# Hole in Keisel's nose...normal?



## Roushbabe (Feb 20, 2011)

*Riley's nose*

Here is Riley's nose too for comparison. I'm going to call my breeder and ask if the mother had this too - maybe it's genetics?


----------



## Barkr (Dec 23, 2011)

How many of you just went to check your dogs nose ???? LOL Roxy's nose does not have a hole( other than the 2 large ones) but the crease seems to go further up her nose. Hmmm never really thought about it ;-/


----------



## inge (Sep 20, 2009)

No holes here...


----------



## ShadowGolden (Sep 4, 2012)

No holey Shadow.


----------



## Roushbabe (Feb 20, 2011)

Just tried to Google it online and can't find anything about it. Now I'm starting to worry that this isn't normal at all!! :-(


----------



## Amberbark (Oct 5, 2011)

Roushbabe said:


> Just tried to Google it online and can't find anything about it. Now I'm starting to worry that this isn't normal at all!! :-(


 I have to say that I have not seen that before. I guess that I would want to know if the hole just dead-ends or if it continues into a cavity.


----------



## drofen (Feb 2, 2013)

Nose ring?

Only the requisite two holes here too...


----------



## Davidrob2 (Dec 10, 2012)

Barkr said:


> How many of you just went to check your dogs nose ???? LOL /


I admit it -- it was the first thing I did before I read the rest of the thread.  No hole on Harry.


----------



## Roushbabe (Feb 20, 2011)

I'm posting up the pictures everywhere now.. .private golden retriever groups that I'm in.. other dog forums. I'm can't see if it goes down through or dead ends. I think I'm going to take him into the vet and see what he says. I have a appointment on Monday and since this doesn't bother Keisel at all, I'll just wait till then. I hope someone on here has come across this though at one point and can give me some input about it.


----------



## Roushbabe (Feb 20, 2011)

Just took a flashlight and tried to spread his nose to see if it's a deep hole and it's not at all. In fact it dead ends and doesn't go anywhere so that's good news I guess.. maybe when he grows up.. his nose will stretch and it'll go away??


----------



## Florabora22 (Nov 30, 2008)

If it hasn't given him any trouble yet I doubt it will cause any issues in the future, especially if it doesn't lead into any nasal cavities.
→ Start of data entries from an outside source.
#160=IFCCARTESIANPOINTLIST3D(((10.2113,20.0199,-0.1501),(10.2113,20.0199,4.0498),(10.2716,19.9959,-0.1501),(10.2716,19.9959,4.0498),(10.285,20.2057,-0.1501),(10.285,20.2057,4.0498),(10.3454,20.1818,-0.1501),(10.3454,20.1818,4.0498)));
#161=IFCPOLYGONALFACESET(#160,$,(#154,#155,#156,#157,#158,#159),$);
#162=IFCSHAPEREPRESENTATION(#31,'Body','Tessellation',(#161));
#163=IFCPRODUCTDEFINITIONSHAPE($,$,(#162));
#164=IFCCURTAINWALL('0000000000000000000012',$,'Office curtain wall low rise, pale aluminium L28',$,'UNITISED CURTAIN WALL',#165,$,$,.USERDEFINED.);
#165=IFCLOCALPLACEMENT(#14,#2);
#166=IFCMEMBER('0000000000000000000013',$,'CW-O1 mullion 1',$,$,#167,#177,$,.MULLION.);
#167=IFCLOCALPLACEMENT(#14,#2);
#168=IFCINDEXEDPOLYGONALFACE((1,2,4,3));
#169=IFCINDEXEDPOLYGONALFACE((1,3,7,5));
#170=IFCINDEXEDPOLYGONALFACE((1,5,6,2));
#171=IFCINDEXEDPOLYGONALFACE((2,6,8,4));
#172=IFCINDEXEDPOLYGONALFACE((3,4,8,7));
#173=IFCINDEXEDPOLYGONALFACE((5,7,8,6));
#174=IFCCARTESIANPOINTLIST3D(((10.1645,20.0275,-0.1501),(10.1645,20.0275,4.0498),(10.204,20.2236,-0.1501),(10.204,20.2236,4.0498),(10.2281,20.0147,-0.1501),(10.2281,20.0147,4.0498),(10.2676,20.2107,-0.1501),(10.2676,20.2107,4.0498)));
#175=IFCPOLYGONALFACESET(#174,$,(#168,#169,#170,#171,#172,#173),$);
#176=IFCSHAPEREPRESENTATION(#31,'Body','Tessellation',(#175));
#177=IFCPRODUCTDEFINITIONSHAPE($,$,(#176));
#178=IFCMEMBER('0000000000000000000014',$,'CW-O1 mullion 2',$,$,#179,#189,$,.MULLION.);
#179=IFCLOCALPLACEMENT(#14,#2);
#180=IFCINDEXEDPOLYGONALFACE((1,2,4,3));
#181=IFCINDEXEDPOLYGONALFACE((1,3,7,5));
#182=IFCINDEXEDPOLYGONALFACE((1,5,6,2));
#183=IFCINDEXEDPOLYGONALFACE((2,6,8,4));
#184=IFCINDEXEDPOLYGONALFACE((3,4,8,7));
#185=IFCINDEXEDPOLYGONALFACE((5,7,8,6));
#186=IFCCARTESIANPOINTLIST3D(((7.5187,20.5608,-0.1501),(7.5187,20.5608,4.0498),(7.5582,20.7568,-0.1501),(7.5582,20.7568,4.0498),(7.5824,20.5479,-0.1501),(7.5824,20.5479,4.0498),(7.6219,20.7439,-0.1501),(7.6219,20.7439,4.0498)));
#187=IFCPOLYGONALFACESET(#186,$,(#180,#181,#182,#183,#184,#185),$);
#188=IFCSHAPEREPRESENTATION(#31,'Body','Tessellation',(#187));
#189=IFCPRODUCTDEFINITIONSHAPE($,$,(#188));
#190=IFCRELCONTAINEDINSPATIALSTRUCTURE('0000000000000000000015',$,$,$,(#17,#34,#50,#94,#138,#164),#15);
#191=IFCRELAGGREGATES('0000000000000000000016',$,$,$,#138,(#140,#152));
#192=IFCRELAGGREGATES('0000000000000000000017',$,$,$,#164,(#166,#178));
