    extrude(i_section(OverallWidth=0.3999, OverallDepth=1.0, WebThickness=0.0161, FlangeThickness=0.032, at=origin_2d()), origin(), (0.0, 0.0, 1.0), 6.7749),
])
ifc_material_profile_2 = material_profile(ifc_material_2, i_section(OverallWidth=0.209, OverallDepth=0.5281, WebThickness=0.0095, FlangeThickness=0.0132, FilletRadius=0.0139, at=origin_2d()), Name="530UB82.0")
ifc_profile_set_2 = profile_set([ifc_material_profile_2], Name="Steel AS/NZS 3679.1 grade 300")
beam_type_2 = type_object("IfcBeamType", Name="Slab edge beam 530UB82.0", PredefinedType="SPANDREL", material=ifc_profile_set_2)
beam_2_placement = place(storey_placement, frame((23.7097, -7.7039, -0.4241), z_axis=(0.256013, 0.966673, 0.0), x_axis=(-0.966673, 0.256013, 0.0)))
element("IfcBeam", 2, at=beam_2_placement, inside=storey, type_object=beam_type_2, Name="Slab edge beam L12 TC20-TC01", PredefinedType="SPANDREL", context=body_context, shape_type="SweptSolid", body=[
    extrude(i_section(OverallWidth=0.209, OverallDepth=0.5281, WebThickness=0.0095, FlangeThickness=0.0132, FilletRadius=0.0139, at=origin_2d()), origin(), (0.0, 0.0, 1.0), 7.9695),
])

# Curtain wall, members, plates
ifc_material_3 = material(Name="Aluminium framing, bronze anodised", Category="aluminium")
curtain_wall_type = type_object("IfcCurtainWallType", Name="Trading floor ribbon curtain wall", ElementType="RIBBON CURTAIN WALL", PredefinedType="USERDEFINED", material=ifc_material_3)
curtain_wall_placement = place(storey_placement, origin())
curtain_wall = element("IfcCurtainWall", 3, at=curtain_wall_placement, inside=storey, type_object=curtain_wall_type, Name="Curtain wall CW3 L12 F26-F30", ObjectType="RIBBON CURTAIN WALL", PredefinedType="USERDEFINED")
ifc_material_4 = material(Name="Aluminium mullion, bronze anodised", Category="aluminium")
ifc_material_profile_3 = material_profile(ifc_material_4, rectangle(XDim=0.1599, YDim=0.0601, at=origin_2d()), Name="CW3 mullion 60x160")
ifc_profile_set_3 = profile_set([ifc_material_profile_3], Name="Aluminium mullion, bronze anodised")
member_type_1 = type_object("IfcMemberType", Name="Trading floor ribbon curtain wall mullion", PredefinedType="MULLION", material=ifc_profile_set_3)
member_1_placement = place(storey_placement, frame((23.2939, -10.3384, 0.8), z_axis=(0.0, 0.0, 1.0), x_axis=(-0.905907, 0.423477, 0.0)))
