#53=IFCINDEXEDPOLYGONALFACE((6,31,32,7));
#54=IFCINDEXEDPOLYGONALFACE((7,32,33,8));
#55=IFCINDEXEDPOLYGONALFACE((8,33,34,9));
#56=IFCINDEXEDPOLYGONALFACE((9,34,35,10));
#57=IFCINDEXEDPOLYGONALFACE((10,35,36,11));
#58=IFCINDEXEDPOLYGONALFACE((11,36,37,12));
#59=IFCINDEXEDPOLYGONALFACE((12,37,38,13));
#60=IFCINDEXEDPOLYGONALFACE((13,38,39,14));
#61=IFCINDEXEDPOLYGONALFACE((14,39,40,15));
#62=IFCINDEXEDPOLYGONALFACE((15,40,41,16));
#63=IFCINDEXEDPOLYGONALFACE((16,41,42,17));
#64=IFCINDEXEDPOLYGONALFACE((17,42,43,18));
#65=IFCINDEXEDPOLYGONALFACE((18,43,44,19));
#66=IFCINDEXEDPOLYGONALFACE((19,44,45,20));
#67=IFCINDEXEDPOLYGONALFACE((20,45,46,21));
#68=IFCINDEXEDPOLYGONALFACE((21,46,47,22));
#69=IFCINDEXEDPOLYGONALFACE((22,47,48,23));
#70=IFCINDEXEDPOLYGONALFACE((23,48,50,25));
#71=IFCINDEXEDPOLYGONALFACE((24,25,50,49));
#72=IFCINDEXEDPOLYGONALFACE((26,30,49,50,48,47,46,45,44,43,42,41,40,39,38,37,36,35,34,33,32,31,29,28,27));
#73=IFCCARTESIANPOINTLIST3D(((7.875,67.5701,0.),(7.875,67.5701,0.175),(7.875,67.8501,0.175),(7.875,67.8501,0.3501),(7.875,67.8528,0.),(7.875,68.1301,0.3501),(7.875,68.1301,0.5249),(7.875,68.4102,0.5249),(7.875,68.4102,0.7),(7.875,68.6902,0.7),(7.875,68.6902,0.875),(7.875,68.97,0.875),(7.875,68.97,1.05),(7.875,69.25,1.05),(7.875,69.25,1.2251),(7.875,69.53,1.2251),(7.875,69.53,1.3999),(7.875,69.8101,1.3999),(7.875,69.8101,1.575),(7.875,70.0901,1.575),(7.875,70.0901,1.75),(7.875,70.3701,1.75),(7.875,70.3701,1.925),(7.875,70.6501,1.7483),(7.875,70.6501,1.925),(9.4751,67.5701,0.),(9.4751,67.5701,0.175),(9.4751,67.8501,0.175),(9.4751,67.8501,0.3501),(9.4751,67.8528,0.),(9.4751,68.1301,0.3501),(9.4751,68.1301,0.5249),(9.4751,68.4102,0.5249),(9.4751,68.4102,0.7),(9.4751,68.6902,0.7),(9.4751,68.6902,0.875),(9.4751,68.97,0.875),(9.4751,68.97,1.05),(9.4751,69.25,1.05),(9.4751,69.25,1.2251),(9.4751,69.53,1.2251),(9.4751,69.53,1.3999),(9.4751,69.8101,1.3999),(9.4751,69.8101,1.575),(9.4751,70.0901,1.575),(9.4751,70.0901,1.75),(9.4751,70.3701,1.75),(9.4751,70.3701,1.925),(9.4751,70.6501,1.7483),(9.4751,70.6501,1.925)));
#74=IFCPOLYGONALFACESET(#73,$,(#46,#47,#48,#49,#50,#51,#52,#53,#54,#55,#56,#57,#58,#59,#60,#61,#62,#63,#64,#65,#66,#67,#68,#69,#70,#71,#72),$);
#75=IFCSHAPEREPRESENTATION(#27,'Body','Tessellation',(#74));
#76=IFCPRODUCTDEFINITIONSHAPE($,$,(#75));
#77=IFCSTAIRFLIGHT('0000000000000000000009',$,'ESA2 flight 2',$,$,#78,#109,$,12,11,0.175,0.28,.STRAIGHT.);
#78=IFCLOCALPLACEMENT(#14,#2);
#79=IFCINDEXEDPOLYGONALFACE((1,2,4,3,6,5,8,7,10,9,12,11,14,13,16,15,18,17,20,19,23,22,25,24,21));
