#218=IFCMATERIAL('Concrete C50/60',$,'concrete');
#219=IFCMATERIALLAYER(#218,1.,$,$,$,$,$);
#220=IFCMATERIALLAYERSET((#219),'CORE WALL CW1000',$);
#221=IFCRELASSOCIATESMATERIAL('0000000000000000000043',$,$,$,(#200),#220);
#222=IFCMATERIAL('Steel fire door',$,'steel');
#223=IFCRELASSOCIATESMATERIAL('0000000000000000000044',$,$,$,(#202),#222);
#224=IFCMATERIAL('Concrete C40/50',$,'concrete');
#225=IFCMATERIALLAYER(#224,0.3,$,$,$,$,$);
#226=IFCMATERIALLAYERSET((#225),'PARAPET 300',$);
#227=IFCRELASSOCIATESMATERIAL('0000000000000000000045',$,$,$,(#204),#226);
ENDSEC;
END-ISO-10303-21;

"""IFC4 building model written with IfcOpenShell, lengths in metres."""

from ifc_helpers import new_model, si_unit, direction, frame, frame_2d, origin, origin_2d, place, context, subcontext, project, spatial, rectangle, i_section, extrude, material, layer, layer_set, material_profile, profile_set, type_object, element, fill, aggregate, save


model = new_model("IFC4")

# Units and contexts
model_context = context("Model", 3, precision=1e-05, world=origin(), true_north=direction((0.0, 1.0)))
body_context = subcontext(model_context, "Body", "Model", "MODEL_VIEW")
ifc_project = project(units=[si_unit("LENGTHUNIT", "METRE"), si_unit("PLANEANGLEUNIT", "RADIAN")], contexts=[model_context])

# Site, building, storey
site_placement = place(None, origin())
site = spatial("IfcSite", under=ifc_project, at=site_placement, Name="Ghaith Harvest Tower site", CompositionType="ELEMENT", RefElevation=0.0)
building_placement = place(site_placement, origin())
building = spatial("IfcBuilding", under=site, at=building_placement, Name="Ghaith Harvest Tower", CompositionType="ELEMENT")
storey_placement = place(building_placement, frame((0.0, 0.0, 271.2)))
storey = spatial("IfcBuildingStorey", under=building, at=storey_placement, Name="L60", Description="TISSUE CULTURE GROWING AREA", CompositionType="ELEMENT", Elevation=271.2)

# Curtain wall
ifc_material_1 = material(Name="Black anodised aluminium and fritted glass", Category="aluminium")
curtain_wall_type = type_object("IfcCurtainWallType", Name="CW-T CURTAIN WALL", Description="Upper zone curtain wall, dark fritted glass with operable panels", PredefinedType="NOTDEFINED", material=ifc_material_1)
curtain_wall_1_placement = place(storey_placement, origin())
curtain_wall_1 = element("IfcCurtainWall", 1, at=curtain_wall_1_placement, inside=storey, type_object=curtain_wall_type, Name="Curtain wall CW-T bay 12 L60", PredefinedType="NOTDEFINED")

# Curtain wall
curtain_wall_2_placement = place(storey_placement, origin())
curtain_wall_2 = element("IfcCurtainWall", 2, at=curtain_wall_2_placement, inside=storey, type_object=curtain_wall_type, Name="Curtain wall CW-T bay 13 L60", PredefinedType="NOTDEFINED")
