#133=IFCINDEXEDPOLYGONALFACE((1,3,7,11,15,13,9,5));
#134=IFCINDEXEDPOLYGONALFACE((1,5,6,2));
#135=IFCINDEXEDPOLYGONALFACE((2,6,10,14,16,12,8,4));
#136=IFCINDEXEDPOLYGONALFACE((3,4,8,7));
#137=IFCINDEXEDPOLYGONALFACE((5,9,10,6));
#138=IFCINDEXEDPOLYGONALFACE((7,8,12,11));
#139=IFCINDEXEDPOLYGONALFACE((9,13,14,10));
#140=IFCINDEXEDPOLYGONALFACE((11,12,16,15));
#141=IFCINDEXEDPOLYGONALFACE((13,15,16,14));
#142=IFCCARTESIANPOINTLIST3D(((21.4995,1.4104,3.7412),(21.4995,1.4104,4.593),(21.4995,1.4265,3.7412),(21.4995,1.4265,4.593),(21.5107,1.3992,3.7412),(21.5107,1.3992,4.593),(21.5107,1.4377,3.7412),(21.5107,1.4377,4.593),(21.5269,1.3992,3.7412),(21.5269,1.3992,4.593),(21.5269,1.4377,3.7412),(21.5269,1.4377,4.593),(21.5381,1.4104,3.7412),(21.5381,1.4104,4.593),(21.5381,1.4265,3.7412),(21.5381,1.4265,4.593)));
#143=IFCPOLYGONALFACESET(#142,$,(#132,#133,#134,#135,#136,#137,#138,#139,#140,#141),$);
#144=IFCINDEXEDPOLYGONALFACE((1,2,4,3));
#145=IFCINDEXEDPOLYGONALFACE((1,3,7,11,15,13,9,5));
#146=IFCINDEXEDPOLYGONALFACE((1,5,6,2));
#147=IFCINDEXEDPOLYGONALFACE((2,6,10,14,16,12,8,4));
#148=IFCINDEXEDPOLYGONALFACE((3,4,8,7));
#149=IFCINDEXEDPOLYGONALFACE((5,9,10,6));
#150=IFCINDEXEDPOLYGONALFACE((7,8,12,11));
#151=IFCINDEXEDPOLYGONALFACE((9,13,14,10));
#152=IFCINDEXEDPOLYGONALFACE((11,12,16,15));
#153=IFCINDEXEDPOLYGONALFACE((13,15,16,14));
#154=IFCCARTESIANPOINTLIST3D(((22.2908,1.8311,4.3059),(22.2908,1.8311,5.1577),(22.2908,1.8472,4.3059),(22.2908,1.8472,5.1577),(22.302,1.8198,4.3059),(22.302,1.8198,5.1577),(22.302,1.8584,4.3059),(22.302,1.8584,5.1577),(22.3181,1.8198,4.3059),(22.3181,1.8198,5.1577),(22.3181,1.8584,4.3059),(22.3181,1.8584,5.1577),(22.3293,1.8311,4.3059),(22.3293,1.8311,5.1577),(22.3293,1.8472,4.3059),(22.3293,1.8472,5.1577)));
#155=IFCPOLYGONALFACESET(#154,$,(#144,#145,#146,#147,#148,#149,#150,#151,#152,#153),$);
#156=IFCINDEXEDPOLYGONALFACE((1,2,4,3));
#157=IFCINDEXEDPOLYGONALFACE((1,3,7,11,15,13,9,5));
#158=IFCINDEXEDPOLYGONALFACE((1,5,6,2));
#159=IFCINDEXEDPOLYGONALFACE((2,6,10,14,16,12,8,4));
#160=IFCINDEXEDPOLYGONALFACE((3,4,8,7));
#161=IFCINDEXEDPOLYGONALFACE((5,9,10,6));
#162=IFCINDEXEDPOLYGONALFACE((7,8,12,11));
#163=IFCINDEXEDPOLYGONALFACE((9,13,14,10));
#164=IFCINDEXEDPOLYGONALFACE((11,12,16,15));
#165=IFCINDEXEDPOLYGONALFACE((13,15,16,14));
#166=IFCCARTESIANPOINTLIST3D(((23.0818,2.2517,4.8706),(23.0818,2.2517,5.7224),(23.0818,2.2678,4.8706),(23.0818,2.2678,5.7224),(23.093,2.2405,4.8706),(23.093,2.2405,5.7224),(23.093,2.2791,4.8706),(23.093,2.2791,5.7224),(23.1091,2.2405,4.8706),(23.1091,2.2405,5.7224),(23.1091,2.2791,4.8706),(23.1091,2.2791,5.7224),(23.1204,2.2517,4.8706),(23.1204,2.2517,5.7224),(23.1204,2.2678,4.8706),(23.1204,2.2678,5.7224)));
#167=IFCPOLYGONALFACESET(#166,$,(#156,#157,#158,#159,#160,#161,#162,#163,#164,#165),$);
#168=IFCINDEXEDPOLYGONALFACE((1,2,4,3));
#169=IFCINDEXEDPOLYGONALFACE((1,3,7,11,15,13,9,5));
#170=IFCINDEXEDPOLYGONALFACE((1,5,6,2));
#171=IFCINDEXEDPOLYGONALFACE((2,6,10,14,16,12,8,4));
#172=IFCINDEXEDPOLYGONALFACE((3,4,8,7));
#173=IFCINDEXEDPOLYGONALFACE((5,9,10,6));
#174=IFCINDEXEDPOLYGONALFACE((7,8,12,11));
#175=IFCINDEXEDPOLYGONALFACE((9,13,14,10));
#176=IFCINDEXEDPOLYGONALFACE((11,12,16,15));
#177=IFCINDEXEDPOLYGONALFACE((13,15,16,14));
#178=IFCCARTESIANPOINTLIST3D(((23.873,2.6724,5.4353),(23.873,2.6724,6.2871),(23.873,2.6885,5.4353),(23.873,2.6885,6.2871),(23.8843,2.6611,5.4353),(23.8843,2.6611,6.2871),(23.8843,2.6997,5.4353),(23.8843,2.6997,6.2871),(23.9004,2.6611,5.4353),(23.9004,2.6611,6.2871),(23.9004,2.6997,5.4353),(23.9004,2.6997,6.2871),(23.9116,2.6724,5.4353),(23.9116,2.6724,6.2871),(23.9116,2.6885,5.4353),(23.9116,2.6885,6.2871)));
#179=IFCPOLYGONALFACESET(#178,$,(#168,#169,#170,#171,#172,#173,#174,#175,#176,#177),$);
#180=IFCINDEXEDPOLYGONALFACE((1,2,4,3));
I admit, I leaned down and checked Flora's snoot for the hole. She gave me the stink eye.


----------



## Willow52 (Aug 14, 2009)

The crease on Hank's nose is longer, it ends where Keisel's hole is. I wouldn't worry too much, especially since it "dead ends".


----------



## CAROLINA MOM (May 12, 2009)

Barkr said:


> How many of you just went to check your dogs nose ???? LOL Roxy's nose does not have a hole( other than the 2 large ones) but the crease seems to go further up her nose. Hmmm never really thought about it ;-/


I did, neither of mine have holes. 

Maybe ask your Vet too, regardless, Keisel is a gorgeous boy.


----------



## CITIgolden (Mar 9, 2013)

Is he having any trouble breathing? Wheezing? Sneezing? How are his teeth?

It's most probably nothing, could be just some rough play with his litter-mates or other dogs when he was younger, the nose tissue is very very sensitive. Do you have foxtail around where you live? 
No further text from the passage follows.